Ces événements ont-ils une origine commune ? Oui, selon 
la plupart des spécialistes israéliens des questions de sécurité et de 
défense. « Israël a les moyens de mener de telles actions », estime Elie
 Karmon, chercheur à l’Institut du contre-terrorisme d’Herzliya. Avis 
partagé par Michel Bar-Zohar, ancien député israélien, historien, très 
proche du président Shimon Peres dont il est le biographe : « Nous 
essayons de retarder ce programme le plus possible et nous avons réussi,
 assure Michel Bar-Zohar, ils devaient être prêts en 2007 et ne le 
seront pas avant 2013, 2014 peut-être 2015 ».
Silence officiel
Les dirigeants israéliens restent muets à propos de ces 
« accidents » en cascade sur le territoire iranien. De l’avis des 
spécialistes, c’est le Mossad, le service de renseignement et 
d’opérations extérieures de l’Etat hébreu qui est en première ligne pour
 tenter de freiner les progrès nucléaires de l’Iran. Ni les effectifs ni
 le budget du Mossad ne sont connus mais en termes de ressources « ce 
que le Mossad veut, le Mossad l’obtient », affirme Ronen Bergman, 
spécialiste des questions de défense au quotidien israélien Yediot 
Aharonot et auteur d’un livre intitulé La Guerre secrète contre l’Iran.
Selon Ronen Bergman, le Mossad est impliqué dans la 
collecte d’informations en Iran mais aussi dans des opérations sur le 
terrain. En termes de renseignements, « le Mossad israélien, la CIA 
américaine, le BND allemand, le MI-6 britannique et la DGSE française 
ont la même vue d’ensemble des projets nucléaires de l’Iran, explique le
 spécialiste, mais quand on parle d’opérations de sabotage, je dirais 
que si l’un de ces pays a décidé de mener une action alors il la mène en
 solo ». De l’avis des spécialistes, l’architecte de cette guerre 
secrète d’Israël contre Téhéran s’appelle Meir Dagan, récemment remplacé
 à la tête du Mossad par Tamir Pardo.
Sabotage à distance
Des agents israéliens peuvent-ils mener des actions 
clandestines dans un pays ennemi, aussi distant et contrôlé que l’Iran ?
 Les experts répondent par l’affirmative mais soulignent que d’autres 
moyens existent, tels que l’utilisation de groupes d’opposants iraniens 
ou la fourniture de matériel saboté à l’avance. Et plusieurs sources 
israéliennes citent le même exemple : celui de cette nouvelle cascade de
 centrifugeuses (machines servant à enrichir l’uranium) qui a explosé 
dès sa mise en route dans l‘usine iranienne de Natanz. Probablement 
parce qu’un des composants livré à l’Iran avait été saboté en amont.
Frappes aériennes
Ces actions semblent donner des résultats mais elles 
n’écartent pas le risque d’une intervention aérienne israélienne de 
grande ampleur contre les installations iraniennes. En 1981, l’aviation 
israélienne a bombardé le réacteur nucléaire irakien Osirak qui avait 
été fourni par la France à Saddam Hussein. En septembre 2007, en Syrie, 
les bombardiers israéliens ont réduit en miettes une mystérieuse 
installation, probablement un réacteur nucléaire clandestin.

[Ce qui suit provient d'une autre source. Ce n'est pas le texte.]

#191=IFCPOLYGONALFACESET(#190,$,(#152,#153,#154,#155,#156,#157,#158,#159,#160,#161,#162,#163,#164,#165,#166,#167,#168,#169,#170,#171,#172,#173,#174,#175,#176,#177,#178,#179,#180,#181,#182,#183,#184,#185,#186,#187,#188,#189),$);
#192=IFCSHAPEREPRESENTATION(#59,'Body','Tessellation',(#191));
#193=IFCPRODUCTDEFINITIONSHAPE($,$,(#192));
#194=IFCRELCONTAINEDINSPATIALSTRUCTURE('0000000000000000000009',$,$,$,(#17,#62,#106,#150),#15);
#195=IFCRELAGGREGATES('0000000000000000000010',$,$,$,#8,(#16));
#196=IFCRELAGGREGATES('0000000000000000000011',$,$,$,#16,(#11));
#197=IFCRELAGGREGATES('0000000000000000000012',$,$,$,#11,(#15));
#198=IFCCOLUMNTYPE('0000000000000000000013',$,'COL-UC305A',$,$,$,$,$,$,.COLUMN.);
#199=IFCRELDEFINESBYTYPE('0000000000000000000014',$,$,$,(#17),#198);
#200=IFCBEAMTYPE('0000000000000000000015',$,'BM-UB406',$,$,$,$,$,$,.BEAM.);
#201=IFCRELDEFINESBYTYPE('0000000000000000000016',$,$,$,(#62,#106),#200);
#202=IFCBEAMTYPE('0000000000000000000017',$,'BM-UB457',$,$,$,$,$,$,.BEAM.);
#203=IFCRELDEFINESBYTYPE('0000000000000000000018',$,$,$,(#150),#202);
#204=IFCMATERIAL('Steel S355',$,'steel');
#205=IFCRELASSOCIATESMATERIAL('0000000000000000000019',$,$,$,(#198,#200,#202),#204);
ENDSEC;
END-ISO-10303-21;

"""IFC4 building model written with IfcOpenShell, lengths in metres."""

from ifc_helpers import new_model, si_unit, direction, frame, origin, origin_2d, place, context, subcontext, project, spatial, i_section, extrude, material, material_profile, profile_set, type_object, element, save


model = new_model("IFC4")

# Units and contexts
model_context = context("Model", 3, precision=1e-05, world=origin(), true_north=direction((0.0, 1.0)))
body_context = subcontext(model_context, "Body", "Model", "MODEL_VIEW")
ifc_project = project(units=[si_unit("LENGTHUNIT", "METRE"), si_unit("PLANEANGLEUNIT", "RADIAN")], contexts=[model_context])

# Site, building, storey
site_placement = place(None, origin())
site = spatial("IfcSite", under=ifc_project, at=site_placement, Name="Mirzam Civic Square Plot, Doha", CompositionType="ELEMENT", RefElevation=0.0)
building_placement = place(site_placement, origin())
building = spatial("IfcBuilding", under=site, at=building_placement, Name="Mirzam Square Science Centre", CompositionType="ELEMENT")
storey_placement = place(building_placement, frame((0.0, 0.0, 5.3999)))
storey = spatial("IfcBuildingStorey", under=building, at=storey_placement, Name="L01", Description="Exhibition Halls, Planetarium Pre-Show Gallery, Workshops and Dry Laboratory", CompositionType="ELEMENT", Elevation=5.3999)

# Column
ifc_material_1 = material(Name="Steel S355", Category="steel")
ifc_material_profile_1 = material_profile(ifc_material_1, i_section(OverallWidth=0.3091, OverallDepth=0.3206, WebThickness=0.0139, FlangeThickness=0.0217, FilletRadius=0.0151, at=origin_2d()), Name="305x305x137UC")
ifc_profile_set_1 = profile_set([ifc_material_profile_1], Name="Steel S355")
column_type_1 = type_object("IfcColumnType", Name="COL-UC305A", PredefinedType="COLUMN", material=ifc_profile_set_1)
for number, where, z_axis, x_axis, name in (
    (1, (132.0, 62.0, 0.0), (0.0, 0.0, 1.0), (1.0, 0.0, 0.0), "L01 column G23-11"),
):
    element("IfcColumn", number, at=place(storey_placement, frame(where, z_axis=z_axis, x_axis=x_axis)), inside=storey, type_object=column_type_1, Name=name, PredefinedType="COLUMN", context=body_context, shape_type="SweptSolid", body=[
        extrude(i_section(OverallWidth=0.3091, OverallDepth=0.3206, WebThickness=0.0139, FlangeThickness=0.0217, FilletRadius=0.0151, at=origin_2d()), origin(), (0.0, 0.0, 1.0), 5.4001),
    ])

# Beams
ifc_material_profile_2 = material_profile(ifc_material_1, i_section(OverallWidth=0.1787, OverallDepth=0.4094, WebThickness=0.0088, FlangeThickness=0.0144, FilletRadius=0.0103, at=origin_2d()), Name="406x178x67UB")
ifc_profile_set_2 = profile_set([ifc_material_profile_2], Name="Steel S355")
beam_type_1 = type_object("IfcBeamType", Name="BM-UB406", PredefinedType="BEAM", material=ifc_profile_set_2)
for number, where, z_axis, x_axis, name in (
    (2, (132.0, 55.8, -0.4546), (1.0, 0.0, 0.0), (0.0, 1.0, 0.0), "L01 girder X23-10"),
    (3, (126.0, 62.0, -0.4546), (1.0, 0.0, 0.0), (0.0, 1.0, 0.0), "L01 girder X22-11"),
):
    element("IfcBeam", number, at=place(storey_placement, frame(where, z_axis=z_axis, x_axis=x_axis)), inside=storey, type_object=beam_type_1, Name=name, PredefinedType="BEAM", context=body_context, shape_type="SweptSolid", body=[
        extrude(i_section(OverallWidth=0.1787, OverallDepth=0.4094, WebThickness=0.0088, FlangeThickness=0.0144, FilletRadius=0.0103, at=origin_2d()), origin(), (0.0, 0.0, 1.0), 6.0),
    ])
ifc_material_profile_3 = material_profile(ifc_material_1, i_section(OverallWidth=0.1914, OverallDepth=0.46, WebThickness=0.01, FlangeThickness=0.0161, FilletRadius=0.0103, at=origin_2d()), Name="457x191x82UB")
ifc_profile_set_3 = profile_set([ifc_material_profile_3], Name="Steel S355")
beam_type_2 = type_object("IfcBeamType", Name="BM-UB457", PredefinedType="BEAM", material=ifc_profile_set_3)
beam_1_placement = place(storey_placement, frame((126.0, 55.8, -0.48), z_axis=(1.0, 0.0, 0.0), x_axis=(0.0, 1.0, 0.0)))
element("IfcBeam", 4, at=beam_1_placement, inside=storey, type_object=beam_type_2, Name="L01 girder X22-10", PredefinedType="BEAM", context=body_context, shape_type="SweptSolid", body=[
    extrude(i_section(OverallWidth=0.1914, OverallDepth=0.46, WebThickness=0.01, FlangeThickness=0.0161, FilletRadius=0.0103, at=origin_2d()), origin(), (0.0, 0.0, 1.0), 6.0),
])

Israël –qui dispose de la bombe atomique sans l’avoir 
officiellement reconnu- ne veut pas d’un autre Etat nucléaire dans la 
région. Le scénario de la frappe préventive est à prendre au sérieux. 
« Mais la situation est différente, de l’Irak et de la Syrie, selon Elie
 Karmon, l’Iran dispose de nombreux sites, dispersés dans tout le pays. 
Israël a les moyens d’une telle opération mais elle prendrait deux ou 
trois semaines. La question est donc : que se passera-t-il après le 
premier ou le deuxième jour de frappes ? ».